MaskDGA: A Black-box Evasion Technique Against DGA Classifiers and Adversarial Defenses

TL;DR

MaskDGA is a black-box adversarial technique that effectively evades deep learning-based DGA classifiers by perturbing domain names, highlighting vulnerabilities in current detection methods and suggesting the need for more robust features.

Contribution

The paper introduces MaskDGA, a novel black-box adversarial attack method that significantly reduces the accuracy of DGA classifiers without prior knowledge of their architecture.

Findings

MaskDGA reduces classifier F1-score from 0.977 to 0.495.

Adversarial defenses like re-training and distillation offer limited robustness.

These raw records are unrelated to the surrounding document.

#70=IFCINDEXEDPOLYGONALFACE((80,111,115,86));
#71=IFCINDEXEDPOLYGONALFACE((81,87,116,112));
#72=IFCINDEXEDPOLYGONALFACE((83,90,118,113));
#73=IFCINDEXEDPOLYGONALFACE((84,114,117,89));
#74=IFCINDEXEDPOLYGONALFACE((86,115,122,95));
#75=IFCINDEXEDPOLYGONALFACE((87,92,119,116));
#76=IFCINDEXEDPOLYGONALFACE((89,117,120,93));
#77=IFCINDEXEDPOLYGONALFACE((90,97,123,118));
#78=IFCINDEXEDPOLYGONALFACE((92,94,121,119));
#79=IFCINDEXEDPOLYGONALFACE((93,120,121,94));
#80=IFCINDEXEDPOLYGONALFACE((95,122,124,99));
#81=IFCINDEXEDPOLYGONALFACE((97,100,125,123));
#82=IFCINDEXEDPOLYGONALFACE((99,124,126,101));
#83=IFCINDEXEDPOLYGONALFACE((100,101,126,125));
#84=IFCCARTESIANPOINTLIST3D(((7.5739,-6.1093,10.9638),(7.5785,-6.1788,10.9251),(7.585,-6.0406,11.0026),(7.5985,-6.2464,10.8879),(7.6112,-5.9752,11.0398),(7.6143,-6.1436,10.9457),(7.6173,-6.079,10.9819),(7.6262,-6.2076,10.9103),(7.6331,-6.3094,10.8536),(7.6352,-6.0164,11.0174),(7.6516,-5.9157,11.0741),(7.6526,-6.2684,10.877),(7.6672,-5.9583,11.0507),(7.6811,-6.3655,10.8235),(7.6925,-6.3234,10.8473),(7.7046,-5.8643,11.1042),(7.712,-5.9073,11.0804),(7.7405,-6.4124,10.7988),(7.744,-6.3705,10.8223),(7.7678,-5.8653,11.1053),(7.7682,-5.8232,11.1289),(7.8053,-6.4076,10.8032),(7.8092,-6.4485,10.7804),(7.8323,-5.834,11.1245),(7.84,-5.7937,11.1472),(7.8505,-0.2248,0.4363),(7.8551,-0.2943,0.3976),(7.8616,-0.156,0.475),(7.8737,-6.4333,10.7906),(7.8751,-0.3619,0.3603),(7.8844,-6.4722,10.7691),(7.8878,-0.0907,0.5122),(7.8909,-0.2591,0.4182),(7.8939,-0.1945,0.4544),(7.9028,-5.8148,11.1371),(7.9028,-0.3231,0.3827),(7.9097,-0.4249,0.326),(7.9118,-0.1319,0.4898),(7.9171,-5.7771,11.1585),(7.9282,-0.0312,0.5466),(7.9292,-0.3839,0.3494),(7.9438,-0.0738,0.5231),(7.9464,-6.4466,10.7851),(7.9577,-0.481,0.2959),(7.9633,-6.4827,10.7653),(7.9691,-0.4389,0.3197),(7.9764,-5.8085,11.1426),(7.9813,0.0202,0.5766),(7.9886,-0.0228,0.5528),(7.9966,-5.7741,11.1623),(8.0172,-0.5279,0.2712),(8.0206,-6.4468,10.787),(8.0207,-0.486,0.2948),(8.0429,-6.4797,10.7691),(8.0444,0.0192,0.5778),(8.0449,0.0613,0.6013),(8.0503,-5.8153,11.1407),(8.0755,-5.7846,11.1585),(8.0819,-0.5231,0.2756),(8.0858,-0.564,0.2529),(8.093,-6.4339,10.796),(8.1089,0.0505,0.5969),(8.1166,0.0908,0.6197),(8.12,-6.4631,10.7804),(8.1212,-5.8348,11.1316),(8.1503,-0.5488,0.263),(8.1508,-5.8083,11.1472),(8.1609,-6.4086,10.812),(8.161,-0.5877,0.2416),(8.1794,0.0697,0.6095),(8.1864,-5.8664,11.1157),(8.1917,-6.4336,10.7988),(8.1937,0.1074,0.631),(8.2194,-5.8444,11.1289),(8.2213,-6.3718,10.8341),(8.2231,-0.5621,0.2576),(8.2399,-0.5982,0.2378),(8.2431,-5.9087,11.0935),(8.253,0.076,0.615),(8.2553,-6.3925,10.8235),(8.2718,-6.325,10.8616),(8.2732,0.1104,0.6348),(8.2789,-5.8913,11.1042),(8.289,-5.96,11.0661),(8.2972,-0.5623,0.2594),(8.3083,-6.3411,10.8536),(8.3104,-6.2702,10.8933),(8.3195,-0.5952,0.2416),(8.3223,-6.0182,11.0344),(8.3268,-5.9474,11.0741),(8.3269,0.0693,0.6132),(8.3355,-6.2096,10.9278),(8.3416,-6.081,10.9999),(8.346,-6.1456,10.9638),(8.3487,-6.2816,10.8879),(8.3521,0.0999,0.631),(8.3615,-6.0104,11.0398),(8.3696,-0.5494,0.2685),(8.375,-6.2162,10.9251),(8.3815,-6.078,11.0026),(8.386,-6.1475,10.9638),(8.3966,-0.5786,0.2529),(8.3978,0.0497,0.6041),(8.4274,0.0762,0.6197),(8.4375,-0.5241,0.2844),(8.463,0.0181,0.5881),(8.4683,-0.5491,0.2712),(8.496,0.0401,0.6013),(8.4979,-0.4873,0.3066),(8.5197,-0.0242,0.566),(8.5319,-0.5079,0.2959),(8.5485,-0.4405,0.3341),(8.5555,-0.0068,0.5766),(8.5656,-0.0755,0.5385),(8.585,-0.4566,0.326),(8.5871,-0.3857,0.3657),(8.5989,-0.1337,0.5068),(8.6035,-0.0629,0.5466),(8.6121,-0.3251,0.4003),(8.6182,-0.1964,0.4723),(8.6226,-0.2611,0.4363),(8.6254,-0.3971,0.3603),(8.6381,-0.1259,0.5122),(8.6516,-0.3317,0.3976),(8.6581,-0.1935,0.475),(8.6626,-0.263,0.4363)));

Character-level features alone are vulnerable to adversarial perturbations.

Abstract

Domain generation algorithms (DGAs) are commonly used by botnets to generate domain names through which bots can establish a resilient communication channel with their command and control servers. Recent publications presented deep learning, character-level classifiers that are able to detect algorithmically generated domain (AGD) names with high accuracy, and correspondingly, significantly reduce the effectiveness of DGAs for botnet communication. In this paper we present MaskDGA, a practical adversarial learning technique that adds perturbation to the character-level representation of algorithmically generated domain names in order to evade DGA classifiers, without the attacker having any knowledge about the DGA classifier's architecture and parameters. MaskDGA was evaluated using the DMD-2018 dataset of AGD names and four recently published DGA classifiers, in which the average F1-score of the classifiers degrades from 0.977 to 0.495 when applying the evasion technique. An additional evaluation was conducted using the same classifiers but with adversarial defenses implemented: adversarial re-training and distillation. The results of this evaluation show that MaskDGA can be used for improving the robustness of the character-level DGA classifiers against adversarial attacks, but that ideally DGA classifiers should incorporate additional features alongside character-level features that are demonstrated in this study to be vulnerable to adversarial attacks.